Thursday, January 12, 2012

Demons between the lines

I've admitted before that I send my characters to face my personal demons. They do my fighting for me, to convince me that it can be done. I try to set things up so my characters charge into the fight of their own free will, but sometimes it's more like this Frazetta painting here.

Course Corrections is an adventure -- a caper, even. I wanted it to be exciting and fun. I was inspired a lot by Ocean's Eleven and the story of a ballsy rescue of Irish independence fighters who were imprisoned in Australia.

Surely there are no demons being fought here?

Maggie instigates this caper because she wants to rescue her cousin. She thinks she needs him back to support her as a leader, but by the time she actually pulls this off she's quite capable without him. I didn't tell Maggie that, mind you, but that was my plan.
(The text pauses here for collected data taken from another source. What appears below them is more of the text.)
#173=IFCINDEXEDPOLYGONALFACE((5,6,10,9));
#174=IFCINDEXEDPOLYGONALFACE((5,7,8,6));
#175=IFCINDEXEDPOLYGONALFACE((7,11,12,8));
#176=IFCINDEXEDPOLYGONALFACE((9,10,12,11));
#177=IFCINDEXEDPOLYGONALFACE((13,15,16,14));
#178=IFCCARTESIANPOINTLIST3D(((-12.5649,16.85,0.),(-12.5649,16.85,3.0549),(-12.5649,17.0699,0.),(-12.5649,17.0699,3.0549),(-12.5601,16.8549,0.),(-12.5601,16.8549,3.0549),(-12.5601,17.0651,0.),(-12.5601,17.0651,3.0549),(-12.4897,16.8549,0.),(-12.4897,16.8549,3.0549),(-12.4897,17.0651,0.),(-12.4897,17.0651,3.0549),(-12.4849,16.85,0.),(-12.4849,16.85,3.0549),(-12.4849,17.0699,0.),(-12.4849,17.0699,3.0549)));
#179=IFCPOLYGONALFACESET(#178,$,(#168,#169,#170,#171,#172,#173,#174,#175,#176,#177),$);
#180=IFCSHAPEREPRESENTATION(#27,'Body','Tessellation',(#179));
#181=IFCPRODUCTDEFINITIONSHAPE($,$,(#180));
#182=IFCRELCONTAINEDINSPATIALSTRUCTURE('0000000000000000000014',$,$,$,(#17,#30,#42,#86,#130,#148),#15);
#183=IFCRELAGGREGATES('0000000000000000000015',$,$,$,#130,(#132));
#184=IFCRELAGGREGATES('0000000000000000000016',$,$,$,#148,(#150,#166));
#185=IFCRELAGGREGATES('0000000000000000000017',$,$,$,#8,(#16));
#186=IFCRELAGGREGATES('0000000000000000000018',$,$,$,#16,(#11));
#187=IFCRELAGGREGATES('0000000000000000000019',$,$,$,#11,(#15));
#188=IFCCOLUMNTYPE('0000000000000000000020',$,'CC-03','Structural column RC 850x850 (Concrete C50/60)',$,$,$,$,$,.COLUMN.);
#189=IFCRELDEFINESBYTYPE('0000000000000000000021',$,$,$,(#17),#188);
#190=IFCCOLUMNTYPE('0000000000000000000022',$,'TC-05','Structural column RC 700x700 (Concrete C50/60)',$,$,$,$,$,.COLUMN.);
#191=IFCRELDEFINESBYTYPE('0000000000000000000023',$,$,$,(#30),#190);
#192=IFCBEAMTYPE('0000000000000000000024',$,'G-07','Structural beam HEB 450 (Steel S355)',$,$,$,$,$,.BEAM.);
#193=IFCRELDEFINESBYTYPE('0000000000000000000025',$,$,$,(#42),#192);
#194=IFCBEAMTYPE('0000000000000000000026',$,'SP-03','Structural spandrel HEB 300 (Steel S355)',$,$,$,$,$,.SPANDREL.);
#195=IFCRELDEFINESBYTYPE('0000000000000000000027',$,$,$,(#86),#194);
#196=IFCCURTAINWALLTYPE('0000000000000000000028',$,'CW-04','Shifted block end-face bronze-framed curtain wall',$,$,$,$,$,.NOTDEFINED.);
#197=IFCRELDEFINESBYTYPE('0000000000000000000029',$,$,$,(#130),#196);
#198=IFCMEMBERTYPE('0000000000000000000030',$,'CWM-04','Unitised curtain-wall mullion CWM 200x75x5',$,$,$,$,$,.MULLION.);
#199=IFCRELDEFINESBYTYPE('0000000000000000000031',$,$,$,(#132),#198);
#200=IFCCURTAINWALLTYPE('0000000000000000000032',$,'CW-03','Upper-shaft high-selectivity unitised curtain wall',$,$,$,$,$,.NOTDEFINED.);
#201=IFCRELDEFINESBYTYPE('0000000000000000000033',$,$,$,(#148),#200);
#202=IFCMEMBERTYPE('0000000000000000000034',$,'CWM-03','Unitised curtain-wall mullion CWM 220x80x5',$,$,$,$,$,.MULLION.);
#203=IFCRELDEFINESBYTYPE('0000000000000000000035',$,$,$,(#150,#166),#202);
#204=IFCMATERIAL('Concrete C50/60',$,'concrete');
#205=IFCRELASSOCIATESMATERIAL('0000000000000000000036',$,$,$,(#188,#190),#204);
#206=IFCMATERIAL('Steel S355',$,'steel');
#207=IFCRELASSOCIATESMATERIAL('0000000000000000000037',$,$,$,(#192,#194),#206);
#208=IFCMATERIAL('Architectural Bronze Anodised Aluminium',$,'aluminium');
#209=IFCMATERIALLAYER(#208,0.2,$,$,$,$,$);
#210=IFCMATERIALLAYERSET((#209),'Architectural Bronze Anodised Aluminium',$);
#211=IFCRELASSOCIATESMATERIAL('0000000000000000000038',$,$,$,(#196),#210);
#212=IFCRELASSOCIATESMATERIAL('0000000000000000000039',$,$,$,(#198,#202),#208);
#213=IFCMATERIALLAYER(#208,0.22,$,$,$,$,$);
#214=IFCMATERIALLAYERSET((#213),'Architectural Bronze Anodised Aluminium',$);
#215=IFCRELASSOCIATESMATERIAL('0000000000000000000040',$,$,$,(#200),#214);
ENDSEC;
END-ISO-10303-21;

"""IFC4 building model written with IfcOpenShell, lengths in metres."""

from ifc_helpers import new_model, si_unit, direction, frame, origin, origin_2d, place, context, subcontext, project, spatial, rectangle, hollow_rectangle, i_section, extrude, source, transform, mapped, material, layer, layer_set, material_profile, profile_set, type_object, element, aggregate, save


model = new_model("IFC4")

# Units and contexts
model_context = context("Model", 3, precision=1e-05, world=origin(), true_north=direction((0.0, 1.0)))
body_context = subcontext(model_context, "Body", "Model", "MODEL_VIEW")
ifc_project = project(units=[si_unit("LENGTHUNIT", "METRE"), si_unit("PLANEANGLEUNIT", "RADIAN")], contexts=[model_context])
...so rescuing people is a personal demon? No. It was Maggie's growing into a confident leader that I needed. In person, I'm not leadership material. But on paper, I'm reaching out to readers and saying Come on, this will be fun and interesting and I won't let you down.

Self-confidence? That's a demon of mine. Maggie pulled off her caper by working hard, assembling a good team, taking risks and applying a mix of trust and discipline to the team. It was kind of like writing a book, actually. I put together a good ensemble of characters, took a risk on a plot twist and when it started to blow up I let go of the reins and trusted my characters to find their way. I've applied some discipline through revisions to keep them focused and tighten up the tension.

Maybe I did learn something from Maggie. This's why I call my writing self-therapy. 

That was an easy demon-between-the-lines to talk about. I did chain one character down and spring a demon on him, in Course Corrections, but that one is a lot more personal.

What did you bury between the lines of your story?